As we near the completion of Phase one of our renewable diesel strategy, we continue to develop Phase 2, which involves adding pretreatment capabilities for low-cost and lower-CI feedstocks. We have started the process design engineering on the PTU, which will take approximately three months to complete. We are also completing the process design of potential Phase three of developing a similar renewable diesel conversion project at Coffeyville. The recent spike in renewable diesel feedstock prices, particularly for soybean oil, can likely be attributed to the recent start-up of two new renewable diesel plants in the US. As more RD plants are constructed in the US, we expect the feedstock market to react to increasing demand and begin pricing according to low carbon fuel standard credit values and freight economics.

We believe RD producers with feedstock contracts expirations coming up will be forced to give up some of the margin they currently enjoy. With the installation of a pre-treating unit, we should have the flexibility to run any type of feedstock that we can access and we are talking to a variety of feedstock suppliers that are in our backyard. Looking at the third quarter of 2021, quarter-to-date metrics are as follows. The Group 3 2-1-1 cracks have averaged $18.75 per barrel with RINs averaging $7.77 on a 2020 RVO basis; the Brent-TI spread has averaged $1.72, with the Midland Cushing differential at $0.14 under WTI and the WTL differential at $0.68 under Cushing WTI, and the WCS differential at $13.04 per barrel under WTI; ammonia prices have increased to around $600 a ton, while UAN prices are over $300 a ton. As of yesterday, Group 3 2-1-1 cracks were $20.84 per barrel Brent-TI was $1.63 and the WCS differential was $14.45 under WTI.
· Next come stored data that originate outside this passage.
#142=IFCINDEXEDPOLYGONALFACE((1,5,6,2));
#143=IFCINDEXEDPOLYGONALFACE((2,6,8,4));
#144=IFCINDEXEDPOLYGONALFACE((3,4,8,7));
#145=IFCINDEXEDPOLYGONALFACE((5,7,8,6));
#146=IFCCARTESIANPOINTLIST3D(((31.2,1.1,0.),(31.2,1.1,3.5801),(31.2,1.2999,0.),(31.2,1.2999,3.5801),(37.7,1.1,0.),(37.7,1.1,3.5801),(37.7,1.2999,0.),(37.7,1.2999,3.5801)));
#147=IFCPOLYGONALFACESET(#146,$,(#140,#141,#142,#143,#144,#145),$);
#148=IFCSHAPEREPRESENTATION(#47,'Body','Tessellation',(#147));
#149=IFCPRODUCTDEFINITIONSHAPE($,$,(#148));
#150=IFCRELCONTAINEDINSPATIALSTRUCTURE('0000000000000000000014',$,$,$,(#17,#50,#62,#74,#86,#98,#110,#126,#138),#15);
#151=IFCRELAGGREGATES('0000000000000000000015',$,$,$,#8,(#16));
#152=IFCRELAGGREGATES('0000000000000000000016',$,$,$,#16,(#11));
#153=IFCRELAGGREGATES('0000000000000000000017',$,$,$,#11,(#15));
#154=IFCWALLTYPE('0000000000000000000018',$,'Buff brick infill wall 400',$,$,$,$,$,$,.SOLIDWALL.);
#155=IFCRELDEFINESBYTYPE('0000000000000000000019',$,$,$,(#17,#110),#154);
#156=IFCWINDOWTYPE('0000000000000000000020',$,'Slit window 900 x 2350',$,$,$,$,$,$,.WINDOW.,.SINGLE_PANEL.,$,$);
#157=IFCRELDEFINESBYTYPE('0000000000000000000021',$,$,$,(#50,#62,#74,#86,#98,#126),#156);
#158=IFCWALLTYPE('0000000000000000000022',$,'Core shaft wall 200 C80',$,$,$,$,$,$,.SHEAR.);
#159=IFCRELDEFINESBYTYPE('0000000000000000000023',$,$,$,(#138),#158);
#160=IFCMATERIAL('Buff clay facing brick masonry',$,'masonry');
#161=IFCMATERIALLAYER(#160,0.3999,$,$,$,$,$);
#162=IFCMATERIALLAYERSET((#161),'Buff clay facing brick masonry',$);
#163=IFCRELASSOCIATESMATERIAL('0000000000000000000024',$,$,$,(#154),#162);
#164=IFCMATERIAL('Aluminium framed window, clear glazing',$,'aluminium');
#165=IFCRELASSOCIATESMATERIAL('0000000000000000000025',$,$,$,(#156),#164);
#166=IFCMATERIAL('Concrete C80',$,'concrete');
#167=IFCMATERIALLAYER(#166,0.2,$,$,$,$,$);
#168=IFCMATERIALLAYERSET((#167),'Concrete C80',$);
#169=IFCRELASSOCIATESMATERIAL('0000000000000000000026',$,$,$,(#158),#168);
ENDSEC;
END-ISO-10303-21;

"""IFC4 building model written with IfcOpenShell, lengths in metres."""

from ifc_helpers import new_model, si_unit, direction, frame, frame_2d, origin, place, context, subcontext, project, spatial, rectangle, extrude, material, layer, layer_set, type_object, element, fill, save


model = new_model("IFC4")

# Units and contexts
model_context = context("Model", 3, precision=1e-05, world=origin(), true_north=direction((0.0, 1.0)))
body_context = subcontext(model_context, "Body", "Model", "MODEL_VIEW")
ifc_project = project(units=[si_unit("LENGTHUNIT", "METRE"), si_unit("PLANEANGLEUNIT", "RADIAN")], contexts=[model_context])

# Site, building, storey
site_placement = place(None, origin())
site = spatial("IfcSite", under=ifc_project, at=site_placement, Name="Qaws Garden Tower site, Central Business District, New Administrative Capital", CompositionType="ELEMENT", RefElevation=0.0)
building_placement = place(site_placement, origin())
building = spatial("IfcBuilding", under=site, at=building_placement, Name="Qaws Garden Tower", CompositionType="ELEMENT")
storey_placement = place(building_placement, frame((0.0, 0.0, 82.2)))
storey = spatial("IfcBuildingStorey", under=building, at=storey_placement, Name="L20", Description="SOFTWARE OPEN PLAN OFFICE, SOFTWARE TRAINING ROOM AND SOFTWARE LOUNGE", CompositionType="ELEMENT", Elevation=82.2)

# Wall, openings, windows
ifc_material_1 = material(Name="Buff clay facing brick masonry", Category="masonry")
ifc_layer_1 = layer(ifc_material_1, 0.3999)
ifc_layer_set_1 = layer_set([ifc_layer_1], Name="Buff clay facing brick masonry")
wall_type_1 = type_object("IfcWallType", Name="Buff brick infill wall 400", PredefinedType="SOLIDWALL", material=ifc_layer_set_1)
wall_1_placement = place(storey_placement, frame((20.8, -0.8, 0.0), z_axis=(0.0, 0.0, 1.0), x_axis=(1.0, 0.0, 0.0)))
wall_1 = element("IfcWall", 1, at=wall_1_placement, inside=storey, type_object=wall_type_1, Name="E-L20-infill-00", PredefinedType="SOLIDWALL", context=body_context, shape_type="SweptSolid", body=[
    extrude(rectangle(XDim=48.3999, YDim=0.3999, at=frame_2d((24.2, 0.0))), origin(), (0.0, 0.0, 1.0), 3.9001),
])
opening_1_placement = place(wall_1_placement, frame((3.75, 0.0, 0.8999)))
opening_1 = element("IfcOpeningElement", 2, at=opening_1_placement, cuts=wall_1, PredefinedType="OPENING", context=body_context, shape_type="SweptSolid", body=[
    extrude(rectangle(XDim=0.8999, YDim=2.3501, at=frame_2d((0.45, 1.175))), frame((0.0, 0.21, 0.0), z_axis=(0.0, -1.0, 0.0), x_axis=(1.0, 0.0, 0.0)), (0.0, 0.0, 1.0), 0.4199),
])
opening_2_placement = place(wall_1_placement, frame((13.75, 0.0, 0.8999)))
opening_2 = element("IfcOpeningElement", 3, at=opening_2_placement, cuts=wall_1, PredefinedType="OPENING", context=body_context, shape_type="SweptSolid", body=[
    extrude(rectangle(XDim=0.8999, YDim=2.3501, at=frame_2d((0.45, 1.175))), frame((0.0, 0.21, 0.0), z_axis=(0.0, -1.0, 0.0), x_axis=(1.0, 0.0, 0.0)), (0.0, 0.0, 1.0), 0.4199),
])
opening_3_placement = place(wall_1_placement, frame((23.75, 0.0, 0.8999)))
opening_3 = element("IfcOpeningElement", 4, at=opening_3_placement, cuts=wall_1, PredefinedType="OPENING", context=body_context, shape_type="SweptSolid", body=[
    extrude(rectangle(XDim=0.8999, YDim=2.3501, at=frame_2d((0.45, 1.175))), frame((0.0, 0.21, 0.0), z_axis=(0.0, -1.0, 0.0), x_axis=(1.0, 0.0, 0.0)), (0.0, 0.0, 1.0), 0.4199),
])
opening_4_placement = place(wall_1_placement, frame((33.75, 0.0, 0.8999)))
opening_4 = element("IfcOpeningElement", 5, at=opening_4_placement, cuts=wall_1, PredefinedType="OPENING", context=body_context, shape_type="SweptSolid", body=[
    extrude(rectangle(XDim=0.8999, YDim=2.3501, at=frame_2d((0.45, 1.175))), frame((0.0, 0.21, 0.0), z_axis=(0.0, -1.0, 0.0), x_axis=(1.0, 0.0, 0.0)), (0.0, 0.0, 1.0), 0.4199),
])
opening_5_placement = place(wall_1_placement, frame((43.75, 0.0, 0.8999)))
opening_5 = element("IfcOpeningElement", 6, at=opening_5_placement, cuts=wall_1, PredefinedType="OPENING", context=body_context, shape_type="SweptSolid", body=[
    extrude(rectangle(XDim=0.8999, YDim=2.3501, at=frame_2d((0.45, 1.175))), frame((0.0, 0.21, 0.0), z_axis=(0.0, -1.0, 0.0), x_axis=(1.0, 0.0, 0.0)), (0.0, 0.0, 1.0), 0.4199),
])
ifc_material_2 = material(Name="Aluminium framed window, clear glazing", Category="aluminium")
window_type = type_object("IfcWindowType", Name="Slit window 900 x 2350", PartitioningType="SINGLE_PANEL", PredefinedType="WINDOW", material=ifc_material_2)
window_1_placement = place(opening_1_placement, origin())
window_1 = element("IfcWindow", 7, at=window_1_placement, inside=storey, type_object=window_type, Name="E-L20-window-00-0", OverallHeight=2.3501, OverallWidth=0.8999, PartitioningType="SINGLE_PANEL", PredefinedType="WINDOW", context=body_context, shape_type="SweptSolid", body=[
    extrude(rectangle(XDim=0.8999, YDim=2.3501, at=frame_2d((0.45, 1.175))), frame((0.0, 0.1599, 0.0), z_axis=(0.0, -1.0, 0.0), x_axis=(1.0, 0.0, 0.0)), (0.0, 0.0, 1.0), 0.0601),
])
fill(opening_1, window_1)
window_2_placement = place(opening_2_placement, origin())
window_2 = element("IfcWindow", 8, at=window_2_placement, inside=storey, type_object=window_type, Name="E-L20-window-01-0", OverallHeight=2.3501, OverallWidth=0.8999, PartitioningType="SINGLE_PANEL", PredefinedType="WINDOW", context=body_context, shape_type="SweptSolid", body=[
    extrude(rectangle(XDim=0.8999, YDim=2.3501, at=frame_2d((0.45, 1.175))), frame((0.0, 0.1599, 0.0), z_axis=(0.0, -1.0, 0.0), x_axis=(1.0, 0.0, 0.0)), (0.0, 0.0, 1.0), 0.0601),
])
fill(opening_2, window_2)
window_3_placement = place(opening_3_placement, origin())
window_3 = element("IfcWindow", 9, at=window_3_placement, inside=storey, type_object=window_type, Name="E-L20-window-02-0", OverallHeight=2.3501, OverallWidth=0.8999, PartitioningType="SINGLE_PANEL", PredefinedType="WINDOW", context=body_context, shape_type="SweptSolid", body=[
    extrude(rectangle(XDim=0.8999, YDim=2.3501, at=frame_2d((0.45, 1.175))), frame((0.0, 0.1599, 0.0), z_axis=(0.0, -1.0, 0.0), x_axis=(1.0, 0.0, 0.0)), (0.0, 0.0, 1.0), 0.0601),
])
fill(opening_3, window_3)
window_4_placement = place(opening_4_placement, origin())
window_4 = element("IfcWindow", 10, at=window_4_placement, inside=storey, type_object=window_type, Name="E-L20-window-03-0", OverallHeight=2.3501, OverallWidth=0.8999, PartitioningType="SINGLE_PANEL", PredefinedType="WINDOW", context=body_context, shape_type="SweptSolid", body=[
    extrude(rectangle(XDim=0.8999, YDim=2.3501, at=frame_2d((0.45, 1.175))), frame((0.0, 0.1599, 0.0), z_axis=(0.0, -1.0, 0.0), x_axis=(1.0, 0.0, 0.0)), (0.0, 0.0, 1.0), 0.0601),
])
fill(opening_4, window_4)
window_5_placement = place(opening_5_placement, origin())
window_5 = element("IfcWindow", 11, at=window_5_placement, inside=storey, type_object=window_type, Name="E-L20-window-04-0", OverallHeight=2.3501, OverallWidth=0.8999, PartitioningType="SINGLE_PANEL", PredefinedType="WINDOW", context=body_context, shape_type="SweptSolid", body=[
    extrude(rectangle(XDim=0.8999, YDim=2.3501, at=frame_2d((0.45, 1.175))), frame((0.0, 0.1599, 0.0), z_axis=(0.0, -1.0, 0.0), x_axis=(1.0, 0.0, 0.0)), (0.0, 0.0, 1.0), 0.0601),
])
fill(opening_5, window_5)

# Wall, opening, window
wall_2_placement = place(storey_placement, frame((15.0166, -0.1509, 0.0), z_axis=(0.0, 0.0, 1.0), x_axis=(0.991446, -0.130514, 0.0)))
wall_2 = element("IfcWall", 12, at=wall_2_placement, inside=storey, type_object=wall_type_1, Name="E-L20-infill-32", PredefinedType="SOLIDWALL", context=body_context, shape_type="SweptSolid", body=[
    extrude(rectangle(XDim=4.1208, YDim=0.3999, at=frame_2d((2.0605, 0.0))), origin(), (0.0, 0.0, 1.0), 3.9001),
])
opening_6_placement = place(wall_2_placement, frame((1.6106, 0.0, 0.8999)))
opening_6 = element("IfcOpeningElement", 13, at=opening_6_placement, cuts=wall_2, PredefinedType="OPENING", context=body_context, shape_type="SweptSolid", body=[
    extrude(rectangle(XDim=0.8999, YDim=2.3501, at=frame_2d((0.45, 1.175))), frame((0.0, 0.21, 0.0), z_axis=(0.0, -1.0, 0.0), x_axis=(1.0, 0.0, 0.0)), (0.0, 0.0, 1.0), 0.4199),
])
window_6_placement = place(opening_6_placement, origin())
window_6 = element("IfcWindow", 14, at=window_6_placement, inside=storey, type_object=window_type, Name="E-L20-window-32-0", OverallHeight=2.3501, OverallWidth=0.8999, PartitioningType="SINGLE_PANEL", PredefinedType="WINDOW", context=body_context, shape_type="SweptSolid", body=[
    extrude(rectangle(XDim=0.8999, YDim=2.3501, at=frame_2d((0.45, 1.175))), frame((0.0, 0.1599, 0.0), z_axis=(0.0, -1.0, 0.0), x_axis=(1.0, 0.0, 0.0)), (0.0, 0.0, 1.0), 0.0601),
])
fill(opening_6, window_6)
On the 2020 RVO basis RINs were approximately $8.40 per barrel. In June, the Supreme Court ruled to overturn the Tenth Circuit court ruling on small refinery exemptions related to continuity. As we have previously stated, the Antenna Congress was that no small refinery should go bankrupt from the impact of RFS compliance and that small refineries like ours with high diesel output, remote location, and lack of meaningful retail and wholesale infrastructure are entitled to relief at any time. The Wynnewood refinery was originally granted small refinery exemptions for 2017 and 2018, and we do not see any legal reason why its 2017 exemption should not be reinstated and why it should not be granted should why it should not be granted exemptions for 2019, 2020 and 2021.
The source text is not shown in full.